From Paris with loose.

Dimanche dernier, j’étais invitée à Paris. Comme souvent finalement. Je suis intermittente de la capitale depuis quelques temps. Et j’aime bien prendre le train, en fait. Enfin, non, j’aime les quais de gare, surtout. Et les gens qui s’y trouvent.
Bref. Peu importe.

Donc, je devais me rendre à Paris et Clapiotte adooooore elle aussi prendre le train. Pas pour les gens sur les quais, non, elle, c’est parce qu’elle sait que pendant deux heures de temps, elle peut jouer à l’Ipad en se goinfrant de chips et de chocolats (la chips au chocolat est un concept made in les Greffons. Je n’y suis absolument pour rien, moi, je suis une mère parfaite pleine de principes qui laissent juste les doigts gras de ses enfants s’étaler sur l’écran tactile d’un appareil à 450 euros)

Donc j’ai embarqué Clapiotte avec moi, les chips, le chocolat, l’Ipad et des sacs à vomi.

Il faut dire qu’on se rendait à une après-midi chez Petit Bateau, et je sais que c’est toujours très sympa pour les enfants, leurs opés, niveau organisation.

Nous voilà donc à la gare, sac sur le dos, Clapiotte excitée au niveau 54 sur une échelle de 10 de l’excitation greffonnale.

Nous prenons place dans le wagon et évidemment, Clapiotte dégaine automatiquement la tablette devant elle. Cette fichue tablette dont on a tous regretté la première fois qu’on en a fait la démonstration au Scotch. Ne JAMAIS montrer à quoi sert cette tablette. JAMAIS. Pas avant leurs 12 ans. Au moins.

Clapiotte sort son attirail de parfaite petite écolière: livre de jeux et trousse remplie de feutres. Clapiotte a des devoirs, oui, tout à fait, en moyenne section de maternelle. C’est elle qui le dit. Elle doit donc régulièrement résoudre des énigmes consistant à faire sortir un lapin d’un labyrinthe pour retrouver une touffe d’herbe.

Comme elle a hérité de ma force de mouche dans ses doigts en mousse, elle me demande de déboucher ses feutres les uns après les autres. Ou alors c’est peut être simplement qu’elle aime se faire servir, c’est probable aussi.

J’en débouche un, puis deux, puis douze, et à un moment, elle me demande d’en déboucher un alors que j’ai mon téléphone dans la main. Je suis tellement maligne que je résous le soucis en tirant le capuchon avec les dents.
Mes dents en mousse donc.
Elles aussi.

J’ai réussi en 3 secondes à me péter une incisive et faire miroiter à mon dentiste ses futures vacances à Hawaï. J’étais ravie, évidemment.

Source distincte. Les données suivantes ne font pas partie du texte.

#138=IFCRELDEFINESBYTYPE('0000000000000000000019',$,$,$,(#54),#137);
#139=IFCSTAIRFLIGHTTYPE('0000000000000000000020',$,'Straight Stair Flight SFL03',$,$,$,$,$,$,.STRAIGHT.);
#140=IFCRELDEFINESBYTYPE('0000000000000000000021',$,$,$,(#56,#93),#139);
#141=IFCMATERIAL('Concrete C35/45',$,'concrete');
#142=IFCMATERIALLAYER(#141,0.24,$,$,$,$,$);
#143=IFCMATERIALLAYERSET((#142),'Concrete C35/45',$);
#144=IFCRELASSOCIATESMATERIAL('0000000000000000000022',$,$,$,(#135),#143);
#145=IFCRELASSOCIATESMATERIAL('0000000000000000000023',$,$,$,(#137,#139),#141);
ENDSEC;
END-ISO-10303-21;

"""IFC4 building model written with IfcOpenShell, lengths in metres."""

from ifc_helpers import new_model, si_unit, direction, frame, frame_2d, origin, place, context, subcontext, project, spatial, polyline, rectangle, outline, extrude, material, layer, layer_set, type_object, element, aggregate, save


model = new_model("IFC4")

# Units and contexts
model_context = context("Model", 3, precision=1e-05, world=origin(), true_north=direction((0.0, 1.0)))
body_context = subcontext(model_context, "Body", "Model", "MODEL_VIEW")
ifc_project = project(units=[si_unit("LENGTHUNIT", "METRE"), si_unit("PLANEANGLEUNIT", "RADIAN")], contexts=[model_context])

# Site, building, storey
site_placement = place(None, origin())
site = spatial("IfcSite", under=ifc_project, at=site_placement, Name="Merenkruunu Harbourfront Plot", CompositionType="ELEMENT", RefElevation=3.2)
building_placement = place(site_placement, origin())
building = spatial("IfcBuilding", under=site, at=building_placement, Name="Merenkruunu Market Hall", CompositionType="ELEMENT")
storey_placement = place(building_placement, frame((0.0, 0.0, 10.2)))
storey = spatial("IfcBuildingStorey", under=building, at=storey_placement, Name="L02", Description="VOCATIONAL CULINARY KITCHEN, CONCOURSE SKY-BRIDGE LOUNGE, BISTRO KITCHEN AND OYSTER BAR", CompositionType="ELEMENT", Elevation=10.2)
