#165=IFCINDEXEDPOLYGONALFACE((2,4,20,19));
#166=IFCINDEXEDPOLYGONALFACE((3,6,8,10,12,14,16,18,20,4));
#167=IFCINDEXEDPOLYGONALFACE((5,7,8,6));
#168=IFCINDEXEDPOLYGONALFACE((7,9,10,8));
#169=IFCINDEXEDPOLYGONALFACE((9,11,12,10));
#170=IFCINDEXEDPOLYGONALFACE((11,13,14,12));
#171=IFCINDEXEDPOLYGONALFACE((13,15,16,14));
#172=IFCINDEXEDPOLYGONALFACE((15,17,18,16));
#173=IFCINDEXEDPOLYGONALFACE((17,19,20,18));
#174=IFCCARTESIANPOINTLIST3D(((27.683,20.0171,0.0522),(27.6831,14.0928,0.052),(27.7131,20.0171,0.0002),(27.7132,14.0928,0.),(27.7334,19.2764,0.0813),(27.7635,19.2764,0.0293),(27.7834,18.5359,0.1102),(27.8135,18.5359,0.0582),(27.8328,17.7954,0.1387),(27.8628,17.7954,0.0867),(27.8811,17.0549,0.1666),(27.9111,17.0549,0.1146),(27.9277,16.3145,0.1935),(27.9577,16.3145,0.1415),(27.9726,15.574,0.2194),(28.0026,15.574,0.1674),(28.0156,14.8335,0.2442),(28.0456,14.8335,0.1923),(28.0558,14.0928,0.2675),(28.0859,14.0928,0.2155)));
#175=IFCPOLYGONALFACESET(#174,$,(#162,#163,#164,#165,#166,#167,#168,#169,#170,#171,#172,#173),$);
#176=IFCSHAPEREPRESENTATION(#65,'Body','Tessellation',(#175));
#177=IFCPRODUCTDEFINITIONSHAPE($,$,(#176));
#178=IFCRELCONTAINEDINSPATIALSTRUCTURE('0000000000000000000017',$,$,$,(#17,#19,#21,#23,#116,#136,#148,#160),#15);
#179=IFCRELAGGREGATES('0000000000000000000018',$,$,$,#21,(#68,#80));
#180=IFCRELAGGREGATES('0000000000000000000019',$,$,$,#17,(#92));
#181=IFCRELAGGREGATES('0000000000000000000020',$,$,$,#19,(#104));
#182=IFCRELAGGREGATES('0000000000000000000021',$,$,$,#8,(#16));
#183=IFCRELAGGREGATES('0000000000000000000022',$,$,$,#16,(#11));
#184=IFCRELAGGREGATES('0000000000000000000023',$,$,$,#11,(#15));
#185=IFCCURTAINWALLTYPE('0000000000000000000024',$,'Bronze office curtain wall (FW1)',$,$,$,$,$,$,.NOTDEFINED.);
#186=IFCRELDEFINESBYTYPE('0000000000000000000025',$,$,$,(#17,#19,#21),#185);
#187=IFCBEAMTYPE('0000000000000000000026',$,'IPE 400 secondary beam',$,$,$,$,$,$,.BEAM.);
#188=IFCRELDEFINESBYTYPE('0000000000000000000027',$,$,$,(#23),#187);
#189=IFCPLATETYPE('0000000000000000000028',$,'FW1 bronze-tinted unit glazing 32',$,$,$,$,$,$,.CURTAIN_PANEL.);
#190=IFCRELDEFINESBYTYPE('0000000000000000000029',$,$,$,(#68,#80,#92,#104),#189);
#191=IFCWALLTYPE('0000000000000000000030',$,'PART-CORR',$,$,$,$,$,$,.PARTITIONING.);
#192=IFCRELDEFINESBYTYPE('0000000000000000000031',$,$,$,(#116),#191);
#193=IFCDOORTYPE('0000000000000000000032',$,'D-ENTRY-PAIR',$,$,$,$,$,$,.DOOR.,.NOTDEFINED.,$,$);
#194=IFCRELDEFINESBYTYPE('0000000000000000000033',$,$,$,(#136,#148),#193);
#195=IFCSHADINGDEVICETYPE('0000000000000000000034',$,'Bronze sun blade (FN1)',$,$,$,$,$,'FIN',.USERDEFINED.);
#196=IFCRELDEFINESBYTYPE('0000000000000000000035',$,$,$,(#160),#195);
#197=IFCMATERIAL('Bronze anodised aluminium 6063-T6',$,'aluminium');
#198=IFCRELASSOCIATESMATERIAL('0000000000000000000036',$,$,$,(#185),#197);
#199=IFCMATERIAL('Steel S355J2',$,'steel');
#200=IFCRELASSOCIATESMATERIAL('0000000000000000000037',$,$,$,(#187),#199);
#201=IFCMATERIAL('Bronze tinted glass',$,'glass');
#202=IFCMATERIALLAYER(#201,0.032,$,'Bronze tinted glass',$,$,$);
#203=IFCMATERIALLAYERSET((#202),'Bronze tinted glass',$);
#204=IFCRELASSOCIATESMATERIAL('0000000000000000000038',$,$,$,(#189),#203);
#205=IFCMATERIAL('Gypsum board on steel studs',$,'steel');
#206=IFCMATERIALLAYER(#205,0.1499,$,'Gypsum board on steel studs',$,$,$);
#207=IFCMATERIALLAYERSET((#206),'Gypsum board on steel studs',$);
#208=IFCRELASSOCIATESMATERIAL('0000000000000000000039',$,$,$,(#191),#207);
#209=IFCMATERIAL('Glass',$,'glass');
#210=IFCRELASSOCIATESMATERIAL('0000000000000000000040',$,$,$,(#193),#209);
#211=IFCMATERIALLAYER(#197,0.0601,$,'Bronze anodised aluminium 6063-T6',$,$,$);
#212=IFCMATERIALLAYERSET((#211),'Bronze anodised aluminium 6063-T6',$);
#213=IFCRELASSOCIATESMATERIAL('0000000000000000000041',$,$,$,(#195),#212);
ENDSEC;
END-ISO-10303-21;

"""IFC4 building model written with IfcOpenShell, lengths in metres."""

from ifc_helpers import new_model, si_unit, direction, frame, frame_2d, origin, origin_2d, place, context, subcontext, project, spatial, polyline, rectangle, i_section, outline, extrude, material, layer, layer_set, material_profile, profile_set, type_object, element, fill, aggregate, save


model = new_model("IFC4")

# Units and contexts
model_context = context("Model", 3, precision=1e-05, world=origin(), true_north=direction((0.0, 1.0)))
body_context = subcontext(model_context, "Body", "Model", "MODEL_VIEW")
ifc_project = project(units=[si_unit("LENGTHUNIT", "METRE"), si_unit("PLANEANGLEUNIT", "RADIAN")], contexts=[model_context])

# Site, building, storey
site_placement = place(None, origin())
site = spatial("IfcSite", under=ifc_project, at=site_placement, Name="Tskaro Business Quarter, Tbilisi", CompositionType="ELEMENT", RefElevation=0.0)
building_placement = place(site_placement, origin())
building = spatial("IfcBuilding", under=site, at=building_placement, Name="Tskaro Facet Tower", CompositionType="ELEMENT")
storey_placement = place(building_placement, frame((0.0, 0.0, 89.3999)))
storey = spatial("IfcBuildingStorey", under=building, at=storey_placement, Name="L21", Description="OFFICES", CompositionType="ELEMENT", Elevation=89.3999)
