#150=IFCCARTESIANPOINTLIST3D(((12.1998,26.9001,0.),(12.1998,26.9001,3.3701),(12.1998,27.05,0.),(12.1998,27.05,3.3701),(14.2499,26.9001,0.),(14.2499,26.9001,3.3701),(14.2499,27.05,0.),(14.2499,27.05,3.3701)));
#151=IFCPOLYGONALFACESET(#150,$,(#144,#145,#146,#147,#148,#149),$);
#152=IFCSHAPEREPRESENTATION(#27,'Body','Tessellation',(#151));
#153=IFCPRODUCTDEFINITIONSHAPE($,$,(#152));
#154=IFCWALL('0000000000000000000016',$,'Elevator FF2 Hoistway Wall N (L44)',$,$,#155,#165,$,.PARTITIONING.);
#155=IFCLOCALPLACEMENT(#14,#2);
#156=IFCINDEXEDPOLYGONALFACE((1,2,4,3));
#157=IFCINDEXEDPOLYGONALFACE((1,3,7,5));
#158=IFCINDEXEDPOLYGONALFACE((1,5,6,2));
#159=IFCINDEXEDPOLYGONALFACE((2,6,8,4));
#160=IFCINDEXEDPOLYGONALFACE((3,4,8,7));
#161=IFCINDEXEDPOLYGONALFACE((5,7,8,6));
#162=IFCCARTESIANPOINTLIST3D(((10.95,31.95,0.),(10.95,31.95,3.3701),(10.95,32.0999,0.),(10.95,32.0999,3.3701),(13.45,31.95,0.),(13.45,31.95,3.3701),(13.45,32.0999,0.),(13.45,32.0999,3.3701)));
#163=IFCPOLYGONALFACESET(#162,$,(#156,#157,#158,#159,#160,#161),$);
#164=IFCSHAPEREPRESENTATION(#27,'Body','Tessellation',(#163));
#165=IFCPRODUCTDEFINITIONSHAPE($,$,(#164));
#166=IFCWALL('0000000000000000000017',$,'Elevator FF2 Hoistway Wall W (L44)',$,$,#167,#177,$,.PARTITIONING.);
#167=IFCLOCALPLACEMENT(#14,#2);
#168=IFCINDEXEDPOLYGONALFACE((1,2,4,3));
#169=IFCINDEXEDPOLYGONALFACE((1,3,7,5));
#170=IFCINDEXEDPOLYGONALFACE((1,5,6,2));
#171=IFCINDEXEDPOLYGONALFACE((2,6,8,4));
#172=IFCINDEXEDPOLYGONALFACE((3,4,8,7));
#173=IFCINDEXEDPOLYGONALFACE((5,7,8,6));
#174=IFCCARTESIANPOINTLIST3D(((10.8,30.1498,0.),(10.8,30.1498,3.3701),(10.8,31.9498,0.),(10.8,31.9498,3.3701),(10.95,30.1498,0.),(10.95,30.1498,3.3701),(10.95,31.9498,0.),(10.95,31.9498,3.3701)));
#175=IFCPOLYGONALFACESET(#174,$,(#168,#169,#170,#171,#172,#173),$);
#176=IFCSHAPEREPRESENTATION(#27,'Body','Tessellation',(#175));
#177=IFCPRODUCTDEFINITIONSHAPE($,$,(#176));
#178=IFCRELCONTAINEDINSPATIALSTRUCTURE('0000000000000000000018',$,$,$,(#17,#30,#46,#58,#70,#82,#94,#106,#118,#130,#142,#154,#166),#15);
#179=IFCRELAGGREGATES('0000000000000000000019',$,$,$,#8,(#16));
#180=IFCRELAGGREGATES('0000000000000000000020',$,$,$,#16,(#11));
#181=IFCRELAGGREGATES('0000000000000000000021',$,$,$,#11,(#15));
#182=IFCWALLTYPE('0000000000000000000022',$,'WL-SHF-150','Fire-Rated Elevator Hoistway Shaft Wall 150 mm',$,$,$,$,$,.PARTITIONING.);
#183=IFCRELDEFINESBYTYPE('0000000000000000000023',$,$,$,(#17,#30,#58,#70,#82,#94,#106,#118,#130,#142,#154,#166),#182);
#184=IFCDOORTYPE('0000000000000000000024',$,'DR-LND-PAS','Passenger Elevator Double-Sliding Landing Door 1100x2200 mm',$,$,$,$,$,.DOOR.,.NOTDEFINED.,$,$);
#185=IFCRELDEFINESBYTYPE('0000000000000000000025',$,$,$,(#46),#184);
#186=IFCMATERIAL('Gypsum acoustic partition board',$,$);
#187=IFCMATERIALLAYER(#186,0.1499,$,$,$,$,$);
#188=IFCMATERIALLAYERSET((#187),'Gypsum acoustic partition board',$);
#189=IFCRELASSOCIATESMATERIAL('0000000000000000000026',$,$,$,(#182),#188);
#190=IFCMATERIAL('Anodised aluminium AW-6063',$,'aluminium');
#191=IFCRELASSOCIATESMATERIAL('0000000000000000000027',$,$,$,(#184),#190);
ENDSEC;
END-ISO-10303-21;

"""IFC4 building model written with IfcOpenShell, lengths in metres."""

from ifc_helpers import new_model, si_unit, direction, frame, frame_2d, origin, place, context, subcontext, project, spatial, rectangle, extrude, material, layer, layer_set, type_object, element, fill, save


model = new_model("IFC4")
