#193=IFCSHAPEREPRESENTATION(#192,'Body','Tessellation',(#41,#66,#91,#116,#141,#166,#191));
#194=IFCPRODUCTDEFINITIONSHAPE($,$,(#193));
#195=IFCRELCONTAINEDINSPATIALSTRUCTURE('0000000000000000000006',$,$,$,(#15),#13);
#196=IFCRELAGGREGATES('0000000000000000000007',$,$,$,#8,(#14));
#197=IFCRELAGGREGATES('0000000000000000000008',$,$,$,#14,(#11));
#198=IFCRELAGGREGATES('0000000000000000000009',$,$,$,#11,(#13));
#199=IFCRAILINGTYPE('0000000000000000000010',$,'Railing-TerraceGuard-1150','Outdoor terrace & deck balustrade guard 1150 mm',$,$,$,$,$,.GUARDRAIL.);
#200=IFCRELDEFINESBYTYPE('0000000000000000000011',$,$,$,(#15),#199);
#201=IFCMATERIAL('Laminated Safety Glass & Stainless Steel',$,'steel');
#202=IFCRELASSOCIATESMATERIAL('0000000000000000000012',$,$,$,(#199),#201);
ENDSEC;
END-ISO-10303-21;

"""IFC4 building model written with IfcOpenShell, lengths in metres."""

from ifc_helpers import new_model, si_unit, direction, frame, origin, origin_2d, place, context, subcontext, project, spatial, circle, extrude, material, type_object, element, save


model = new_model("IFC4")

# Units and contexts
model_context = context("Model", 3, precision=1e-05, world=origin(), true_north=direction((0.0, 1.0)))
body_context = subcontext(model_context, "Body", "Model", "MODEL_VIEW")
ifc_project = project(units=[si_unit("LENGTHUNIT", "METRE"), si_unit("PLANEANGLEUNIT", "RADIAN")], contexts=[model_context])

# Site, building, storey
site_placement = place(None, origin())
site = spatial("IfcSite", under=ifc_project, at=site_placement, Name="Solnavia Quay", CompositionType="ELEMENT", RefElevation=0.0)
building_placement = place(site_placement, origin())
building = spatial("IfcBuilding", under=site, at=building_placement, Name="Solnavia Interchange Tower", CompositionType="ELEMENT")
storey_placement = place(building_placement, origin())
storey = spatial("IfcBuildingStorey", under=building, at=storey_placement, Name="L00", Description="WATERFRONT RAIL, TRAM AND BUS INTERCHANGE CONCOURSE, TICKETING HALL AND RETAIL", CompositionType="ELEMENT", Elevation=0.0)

Nous arrivons presque entières à Paris, donc, et nous vaquons à nos occupations dans la boutique Petit Bateau des Champs Élysées, où nous retrouvons, outre l’équipe, mes copines Shalima, Isabelle et Opio pour un atelier « Make My Petit Bateau » où nous avons confectionné et cousu des moulins à vent sur des jolies marinières.
J’ai fait de la couture. A Paris. Moi qui relègue le moindre Tshirt décousu à finir froissé et oublié au fin fond de mon placard. Tout arrive.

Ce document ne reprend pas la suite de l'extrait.